Since therefore the different sentiments and acts of justice and
goodness are the only and true bonds, that knit men together, and are capable
of contributing to the stability, peace, and prosperity of society; we must
look upon those virtues, as so many duties, that God imposes on us, for this
reason, because whatever is necessary to his design is of course conformable to
[These three principles have all the requisite characters.]
XVIII. We have therefore three general principles of the laws of nature
relative to the abovementioned three states of man. And these are, 1. Religion.
2. Self-love. 3. Sociability or benevolence towards our fellow creatures.

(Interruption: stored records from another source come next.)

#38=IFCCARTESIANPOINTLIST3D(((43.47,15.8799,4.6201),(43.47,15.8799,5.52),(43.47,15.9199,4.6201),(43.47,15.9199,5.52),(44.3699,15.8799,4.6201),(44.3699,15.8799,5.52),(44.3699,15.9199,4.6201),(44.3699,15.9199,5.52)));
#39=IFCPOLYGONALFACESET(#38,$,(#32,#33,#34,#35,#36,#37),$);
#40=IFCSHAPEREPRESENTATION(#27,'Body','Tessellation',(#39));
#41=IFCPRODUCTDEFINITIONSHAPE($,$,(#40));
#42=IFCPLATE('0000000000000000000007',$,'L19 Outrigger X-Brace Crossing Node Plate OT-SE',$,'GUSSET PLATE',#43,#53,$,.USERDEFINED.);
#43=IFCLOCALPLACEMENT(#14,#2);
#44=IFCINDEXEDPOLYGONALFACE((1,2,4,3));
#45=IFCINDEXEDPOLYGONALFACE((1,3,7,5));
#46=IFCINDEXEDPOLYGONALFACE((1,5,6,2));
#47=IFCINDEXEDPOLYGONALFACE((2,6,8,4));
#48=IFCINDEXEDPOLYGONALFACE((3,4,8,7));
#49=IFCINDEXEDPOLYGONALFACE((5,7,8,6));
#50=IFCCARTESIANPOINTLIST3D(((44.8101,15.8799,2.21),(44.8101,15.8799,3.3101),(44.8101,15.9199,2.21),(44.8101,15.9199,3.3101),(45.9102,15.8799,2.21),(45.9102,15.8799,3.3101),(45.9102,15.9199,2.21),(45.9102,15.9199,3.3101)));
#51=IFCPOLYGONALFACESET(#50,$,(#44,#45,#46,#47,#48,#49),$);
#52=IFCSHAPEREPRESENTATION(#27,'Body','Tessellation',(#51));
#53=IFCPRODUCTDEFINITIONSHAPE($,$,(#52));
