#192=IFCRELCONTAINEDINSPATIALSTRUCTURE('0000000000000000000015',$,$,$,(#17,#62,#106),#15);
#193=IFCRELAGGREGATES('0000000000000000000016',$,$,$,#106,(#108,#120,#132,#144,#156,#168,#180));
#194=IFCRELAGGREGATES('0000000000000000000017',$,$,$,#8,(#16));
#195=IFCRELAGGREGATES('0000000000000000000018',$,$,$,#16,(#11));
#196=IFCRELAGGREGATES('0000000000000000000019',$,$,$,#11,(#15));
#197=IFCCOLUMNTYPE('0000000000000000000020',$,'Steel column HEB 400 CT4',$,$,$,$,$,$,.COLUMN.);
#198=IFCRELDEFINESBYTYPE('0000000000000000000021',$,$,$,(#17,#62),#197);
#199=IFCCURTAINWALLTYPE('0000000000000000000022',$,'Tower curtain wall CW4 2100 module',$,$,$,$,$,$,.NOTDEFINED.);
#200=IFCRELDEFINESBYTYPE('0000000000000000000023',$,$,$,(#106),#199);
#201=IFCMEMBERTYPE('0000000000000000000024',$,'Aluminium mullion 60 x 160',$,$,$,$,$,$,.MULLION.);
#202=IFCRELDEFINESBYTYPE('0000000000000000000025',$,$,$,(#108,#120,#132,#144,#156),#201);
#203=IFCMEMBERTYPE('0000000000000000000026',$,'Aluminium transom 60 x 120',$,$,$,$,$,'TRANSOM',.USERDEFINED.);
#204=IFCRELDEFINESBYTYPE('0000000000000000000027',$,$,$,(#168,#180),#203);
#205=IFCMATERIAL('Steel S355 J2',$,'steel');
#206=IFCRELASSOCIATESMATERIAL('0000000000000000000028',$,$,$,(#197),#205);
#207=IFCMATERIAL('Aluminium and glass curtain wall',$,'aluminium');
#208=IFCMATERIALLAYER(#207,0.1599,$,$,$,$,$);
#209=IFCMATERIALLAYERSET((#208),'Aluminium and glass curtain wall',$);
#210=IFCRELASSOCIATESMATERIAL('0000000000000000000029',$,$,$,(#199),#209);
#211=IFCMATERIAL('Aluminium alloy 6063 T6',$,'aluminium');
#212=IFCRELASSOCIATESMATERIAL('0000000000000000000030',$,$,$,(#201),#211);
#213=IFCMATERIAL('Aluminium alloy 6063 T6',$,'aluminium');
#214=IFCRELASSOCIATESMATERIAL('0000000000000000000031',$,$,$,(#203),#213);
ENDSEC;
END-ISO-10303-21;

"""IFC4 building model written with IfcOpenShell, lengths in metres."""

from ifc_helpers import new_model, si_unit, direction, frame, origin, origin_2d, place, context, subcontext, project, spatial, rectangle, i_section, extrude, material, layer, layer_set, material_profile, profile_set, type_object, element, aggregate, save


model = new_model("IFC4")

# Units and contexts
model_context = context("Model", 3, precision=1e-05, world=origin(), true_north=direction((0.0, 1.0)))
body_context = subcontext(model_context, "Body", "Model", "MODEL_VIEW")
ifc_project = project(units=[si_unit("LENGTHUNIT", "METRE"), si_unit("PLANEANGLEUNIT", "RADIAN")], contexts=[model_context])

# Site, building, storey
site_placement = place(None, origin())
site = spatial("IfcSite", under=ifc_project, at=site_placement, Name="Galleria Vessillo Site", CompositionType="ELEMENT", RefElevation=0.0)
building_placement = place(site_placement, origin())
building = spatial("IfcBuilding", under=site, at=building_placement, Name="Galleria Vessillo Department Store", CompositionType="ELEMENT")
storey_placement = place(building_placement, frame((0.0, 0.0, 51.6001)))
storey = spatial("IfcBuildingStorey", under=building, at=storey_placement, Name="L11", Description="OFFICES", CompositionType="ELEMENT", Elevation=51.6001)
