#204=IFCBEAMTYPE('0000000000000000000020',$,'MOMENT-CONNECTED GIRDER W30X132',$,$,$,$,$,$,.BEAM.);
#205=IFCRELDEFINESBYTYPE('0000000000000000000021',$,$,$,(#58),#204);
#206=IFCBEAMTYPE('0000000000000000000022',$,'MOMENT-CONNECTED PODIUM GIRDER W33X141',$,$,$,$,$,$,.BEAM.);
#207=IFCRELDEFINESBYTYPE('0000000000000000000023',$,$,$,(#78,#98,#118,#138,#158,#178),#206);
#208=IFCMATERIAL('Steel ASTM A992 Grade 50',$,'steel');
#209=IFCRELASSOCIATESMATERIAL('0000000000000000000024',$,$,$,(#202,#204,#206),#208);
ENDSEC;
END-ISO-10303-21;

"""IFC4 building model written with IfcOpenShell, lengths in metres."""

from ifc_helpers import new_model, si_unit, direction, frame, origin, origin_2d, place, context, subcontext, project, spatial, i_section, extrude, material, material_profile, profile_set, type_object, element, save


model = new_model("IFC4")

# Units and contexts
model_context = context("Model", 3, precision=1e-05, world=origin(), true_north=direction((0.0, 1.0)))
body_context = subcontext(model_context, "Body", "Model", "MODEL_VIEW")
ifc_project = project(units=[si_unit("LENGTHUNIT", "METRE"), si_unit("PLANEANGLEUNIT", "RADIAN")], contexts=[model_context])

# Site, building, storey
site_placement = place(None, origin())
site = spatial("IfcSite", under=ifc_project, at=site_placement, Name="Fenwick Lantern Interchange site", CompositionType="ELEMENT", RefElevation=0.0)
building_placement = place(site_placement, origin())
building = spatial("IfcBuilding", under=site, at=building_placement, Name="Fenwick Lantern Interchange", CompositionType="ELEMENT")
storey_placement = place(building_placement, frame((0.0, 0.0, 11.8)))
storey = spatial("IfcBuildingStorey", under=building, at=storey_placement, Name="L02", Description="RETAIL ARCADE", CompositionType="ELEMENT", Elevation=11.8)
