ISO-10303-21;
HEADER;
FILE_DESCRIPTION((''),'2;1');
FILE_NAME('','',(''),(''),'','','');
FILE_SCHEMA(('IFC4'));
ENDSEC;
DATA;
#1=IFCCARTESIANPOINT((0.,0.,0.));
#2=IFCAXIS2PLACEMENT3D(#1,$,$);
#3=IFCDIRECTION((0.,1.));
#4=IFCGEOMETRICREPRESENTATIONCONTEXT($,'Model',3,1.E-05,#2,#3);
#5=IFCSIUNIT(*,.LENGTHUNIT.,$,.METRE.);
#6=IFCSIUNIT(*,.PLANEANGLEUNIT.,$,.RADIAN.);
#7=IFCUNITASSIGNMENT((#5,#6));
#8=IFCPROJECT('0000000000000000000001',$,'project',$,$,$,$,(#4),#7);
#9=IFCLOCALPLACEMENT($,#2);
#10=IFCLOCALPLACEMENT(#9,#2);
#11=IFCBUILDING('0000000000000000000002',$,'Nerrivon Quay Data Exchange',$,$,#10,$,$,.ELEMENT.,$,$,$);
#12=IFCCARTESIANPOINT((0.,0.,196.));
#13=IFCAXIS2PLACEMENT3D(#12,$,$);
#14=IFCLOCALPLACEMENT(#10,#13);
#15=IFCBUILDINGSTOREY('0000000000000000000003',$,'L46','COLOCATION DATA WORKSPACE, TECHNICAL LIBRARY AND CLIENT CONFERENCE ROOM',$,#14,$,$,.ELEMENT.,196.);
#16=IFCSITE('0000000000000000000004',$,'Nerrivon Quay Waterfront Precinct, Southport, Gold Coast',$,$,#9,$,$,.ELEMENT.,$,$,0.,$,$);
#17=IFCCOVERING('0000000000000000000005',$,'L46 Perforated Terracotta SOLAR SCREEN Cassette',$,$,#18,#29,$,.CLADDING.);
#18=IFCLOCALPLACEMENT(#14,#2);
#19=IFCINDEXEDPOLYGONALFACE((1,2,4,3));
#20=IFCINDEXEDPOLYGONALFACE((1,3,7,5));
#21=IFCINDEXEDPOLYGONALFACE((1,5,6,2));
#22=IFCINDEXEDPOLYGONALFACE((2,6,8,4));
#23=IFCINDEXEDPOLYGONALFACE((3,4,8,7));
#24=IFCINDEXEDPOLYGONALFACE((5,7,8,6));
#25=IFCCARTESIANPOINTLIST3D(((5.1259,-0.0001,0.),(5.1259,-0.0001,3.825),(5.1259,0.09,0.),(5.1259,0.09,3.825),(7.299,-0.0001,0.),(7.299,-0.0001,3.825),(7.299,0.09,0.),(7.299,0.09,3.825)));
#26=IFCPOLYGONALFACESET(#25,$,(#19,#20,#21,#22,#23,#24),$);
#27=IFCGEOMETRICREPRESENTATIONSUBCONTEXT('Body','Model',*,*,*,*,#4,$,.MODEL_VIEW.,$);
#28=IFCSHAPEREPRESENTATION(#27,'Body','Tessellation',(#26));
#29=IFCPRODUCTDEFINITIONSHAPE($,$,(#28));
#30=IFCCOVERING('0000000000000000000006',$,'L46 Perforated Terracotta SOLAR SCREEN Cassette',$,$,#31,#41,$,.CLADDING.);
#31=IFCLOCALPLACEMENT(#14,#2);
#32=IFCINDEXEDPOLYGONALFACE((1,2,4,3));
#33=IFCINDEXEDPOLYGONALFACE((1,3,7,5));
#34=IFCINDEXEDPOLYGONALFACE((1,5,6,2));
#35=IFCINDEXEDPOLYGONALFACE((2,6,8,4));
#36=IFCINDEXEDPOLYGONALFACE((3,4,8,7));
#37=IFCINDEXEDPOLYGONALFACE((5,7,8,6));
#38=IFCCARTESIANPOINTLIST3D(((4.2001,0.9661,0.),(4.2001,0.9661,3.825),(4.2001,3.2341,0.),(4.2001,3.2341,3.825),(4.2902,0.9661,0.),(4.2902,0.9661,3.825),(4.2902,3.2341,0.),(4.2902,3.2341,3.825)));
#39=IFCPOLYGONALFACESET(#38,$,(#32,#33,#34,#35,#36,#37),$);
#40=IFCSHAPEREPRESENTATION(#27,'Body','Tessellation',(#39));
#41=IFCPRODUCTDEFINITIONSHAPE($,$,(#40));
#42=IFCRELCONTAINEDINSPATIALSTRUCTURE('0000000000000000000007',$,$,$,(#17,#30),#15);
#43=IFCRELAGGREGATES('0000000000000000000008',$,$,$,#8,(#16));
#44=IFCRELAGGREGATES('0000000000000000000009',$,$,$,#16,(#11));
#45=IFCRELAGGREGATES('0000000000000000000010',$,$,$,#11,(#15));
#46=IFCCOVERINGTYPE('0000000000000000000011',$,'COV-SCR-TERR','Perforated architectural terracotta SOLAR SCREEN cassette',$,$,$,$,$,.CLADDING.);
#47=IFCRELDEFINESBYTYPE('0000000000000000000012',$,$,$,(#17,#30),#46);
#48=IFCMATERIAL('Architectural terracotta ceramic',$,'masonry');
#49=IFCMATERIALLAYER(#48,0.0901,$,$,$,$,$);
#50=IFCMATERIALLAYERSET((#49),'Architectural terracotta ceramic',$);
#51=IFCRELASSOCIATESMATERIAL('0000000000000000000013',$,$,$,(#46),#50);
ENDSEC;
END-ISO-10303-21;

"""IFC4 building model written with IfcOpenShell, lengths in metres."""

from ifc_helpers import new_model, si_unit, direction, frame, origin, origin_2d, place, context, subcontext, project, spatial, rectangle, extrude, material, layer, layer_set, type_object, element, save


model = new_model("IFC4")

# Units and contexts
model_context = context("Model", 3, precision=1e-05, world=origin(), true_north=direction((0.0, 1.0)))
body_context = subcontext(model_context, "Body", "Model", "MODEL_VIEW")
ifc_project = project(units=[si_unit("LENGTHUNIT", "METRE"), si_unit("PLANEANGLEUNIT", "RADIAN")], contexts=[model_context])

# Site, building, storey
site_placement = place(None, origin())
site = spatial("IfcSite", under=ifc_project, at=site_placement, Name="Nerrivon Quay Waterfront Precinct, Southport, Gold Coast", CompositionType="ELEMENT", RefElevation=0.0)
building_placement = place(site_placement, origin())
building = spatial("IfcBuilding", under=site, at=building_placement, Name="Nerrivon Quay Data Exchange", CompositionType="ELEMENT")
storey_placement = place(building_placement, frame((0.0, 0.0, 196.0)))
storey = spatial("IfcBuildingStorey", under=building, at=storey_placement, Name="L46", Description="COLOCATION DATA WORKSPACE, TECHNICAL LIBRARY AND CLIENT CONFERENCE ROOM", CompositionType="ELEMENT", Elevation=196.0)

# Coverings
ifc_material_1 = material(Name="Architectural terracotta ceramic", Category="masonry")
ifc_layer_1 = layer(ifc_material_1, 0.0901)
ifc_layer_set_1 = layer_set([ifc_layer_1], Name="Architectural terracotta ceramic")
covering_type = type_object("IfcCoveringType", Name="COV-SCR-TERR", Description="Perforated architectural terracotta SOLAR SCREEN cassette", PredefinedType="CLADDING", material=ifc_layer_set_1)
covering_1_placement = place(storey_placement, frame((6.2124, 0.0449, 0.0), z_axis=(0.0, 0.0, 1.0), x_axis=(-1.0, 0.0, 0.0)))
element("IfcCovering", 1, at=covering_1_placement, inside=storey, type_object=covering_type, Name="L46 Perforated Terracotta SOLAR SCREEN Cassette", PredefinedType="CLADDING", context=body_context, shape_type="SweptSolid", body=[
    extrude(rectangle(XDim=2.1731, YDim=0.0901, at=origin_2d()), origin(), (0.0, 0.0, 1.0), 3.825),
])
covering_2_placement = place(storey_placement, frame((4.2451, 2.1001, 0.0), z_axis=(0.0, 0.0, 1.0), x_axis=(0.0, 1.0, 0.0)))
element("IfcCovering", 2, at=covering_2_placement, inside=storey, type_object=covering_type, Name="L46 Perforated Terracotta SOLAR SCREEN Cassette", PredefinedType="CLADDING", context=body_context, shape_type="SweptSolid", body=[
    extrude(rectangle(XDim=2.2681, YDim=0.0901, at=origin_2d()), origin(), (0.0, 0.0, 1.0), 3.825),
])

save(model, "model.ifc")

These principles have all the characters above required. They are
true, because they are taken from the nature of man, in the constitution
and state, in which God has placed him. They are simple and within every
body's reach, which is an important point; because, in regard to duties, there
is nothing wanting but principles, that are obvious to every one; for a
subtlety of mind, that sets us upon singular and new ways, is always dangerous.
In fine these principles are sufficient and very fertile; by
reason they embrace all the objects of our duties, and acquaint us with the
will of God in the several states and relations of man.
[Remarks on Puffendorf's system.]
XIX. True it is, that Puffendorf reduces the thing within a less
compass, by establishing sociability alone, as the foundation of all natural
laws. But it has been justly observed, that this method is defective. For the
principle of sociability does not furnish us with the proper and direct
foundation of all our duties. Those which have God for their object and those,
which are relative to man himself, do not flow directly and immediately from
this source, but have their proper and particular principle. Let us suppose man
in solitude; he would still have several duties to discharge, such as to love
and honour God, to preserve himself, to cultivate his faculties as much as
possible, &c. I acknowledge, that the principle of sociability is the most
extensive, and that the other two have a natural connection with it; yet we
ought not to confound them, as if they had not their own particular force,
independant of sociability. These are three different springs, which give
motion and action to the system of humanity; springs distinct from one another,
but which act all at the same time pursuant to the views of the Creator.
[The critics have carried their censures too far.]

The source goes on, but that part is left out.